— Не делай этого.
— Чего? — он спрыгнул с перил крыльца.
— Эта штука с улыбкой. Просто жуть.
Он перестал улыбаться.
— Десять миллионов американцев не согласятся с тобой.
— Десять миллионов американцев просто идиоты.
Он ничего не сказал, но тут же решил, что эта девушка ему не очень нравится. Для Иды её поведение безупречно – секретарша была известна тем, что всё время противостояла руководителям «Кока-Колы». Но лично ему хватало и своего дерьма, чтобы ещё иметь дело с её. Примадонна вместо партнёрши ему не нужна.
— Тебе это интересно или нет?
— Нет.
Его нога остановилась на полпути до верхней ступеньки.
— Нет, — повторил он.
— За такие деньги. Я сто́ю больше.
— Носок твоей туфли скреплён клейкой лентой, — заметил Коул, и Саммер улыбнулась. Улыбнулась. Сладкой, солнечной улыбкой, но её полностью выдавали глаза, золотые ножи, которые могли разрезать живот более слабого человека, вытащить его внутренности и скормить ястребам.
— Количество денег не говорит о моей ценности. Если бы это было так, то на этом крыльце самой никчёмной личностью была бы я.
— Ты хочешь сказать, что никчёмная личность не ты…
А я. Из всех оскорблений в его адрес, ни одно и никогда не затрагивало его ценность. С другой стороны, в Голливуде ценность – это доллары, центы и власть. Но здесь, в этом разговоре, на этом крыльце, они, казалось, говорили о чём-то другом.

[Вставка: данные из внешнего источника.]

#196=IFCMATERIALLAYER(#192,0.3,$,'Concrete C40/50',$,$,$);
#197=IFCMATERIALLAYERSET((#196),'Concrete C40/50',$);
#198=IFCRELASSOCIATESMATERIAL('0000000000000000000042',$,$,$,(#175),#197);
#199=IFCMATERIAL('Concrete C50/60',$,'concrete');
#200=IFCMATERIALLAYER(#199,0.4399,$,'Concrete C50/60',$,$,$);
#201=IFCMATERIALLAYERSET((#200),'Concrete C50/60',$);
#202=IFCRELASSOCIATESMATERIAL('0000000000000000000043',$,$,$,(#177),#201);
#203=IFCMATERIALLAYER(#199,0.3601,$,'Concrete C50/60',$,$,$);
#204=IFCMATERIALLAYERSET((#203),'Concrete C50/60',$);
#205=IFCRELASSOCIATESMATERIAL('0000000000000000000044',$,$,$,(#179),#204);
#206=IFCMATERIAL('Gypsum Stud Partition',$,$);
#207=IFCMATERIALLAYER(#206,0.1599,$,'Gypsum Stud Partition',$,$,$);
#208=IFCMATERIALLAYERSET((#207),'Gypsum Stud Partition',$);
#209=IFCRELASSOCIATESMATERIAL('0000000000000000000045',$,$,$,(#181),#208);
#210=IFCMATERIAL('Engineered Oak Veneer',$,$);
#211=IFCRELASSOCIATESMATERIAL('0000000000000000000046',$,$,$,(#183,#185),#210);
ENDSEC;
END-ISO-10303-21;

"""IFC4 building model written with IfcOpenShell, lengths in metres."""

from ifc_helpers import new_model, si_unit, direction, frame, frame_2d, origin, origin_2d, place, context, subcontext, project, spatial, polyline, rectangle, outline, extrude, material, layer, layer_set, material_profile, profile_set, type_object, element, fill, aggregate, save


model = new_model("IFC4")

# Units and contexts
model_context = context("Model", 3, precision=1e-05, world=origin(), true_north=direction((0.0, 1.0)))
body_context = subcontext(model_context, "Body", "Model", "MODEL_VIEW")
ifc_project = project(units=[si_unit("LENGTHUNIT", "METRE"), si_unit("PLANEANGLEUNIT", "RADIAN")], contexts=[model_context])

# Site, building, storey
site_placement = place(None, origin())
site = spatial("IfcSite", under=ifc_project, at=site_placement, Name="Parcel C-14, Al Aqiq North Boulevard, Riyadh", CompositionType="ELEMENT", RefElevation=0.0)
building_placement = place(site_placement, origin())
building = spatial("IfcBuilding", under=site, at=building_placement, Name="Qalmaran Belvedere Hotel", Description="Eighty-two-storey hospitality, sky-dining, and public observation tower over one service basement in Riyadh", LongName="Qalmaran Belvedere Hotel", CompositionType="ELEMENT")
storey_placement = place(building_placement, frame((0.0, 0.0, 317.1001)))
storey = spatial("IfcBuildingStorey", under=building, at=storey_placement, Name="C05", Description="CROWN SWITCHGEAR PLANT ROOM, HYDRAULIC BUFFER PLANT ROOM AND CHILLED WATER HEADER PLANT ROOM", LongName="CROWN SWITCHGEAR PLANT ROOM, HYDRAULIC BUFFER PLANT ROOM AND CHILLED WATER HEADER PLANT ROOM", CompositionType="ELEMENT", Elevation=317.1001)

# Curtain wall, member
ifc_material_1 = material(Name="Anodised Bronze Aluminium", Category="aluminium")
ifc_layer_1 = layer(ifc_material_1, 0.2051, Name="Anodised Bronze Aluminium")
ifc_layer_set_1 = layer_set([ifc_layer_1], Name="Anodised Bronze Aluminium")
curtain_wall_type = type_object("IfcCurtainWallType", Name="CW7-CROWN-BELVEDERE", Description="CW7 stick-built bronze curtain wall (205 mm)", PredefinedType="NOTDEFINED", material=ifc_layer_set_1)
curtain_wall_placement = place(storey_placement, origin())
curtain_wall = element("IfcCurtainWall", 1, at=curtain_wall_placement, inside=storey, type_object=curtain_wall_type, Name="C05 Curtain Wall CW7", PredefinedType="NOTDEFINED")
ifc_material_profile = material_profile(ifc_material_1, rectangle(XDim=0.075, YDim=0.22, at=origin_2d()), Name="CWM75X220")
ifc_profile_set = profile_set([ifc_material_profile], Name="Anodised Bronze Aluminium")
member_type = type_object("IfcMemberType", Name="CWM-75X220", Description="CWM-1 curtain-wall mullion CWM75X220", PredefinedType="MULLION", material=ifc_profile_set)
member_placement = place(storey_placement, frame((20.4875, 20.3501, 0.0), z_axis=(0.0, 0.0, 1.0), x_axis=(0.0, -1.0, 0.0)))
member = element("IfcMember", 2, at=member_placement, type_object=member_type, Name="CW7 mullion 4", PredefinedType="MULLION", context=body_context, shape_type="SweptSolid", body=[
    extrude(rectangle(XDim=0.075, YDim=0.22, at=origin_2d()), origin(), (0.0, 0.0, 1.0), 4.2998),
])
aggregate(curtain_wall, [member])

— Из нас двоих только один ведёт себя как осёл.
— Значит, ты не хочешь эту роль.
— Не за такие деньги.
Он отступил назад, отвернулся от неё и спустился с крыльца.
— До свидания, мистер Мастен, — крикнула Саммер с крыльца, и Коул повернул голову, чтобы на неё посмотреть. Девушка стояла, прислонившись плечом к одному из столбов крыльца, её руки всё ещё были скрещены на груди. — Так говорят на Юге, когда уходят. Это называется прощанием.
— А как называется то, когда человек совершает огромную ошибку? — крикнул он, открывая водительскую дверь Тауруса.
— Легко, — сказала она, оттолкнувшись от столба и шагнув к входной двери. — Это называется жизнью.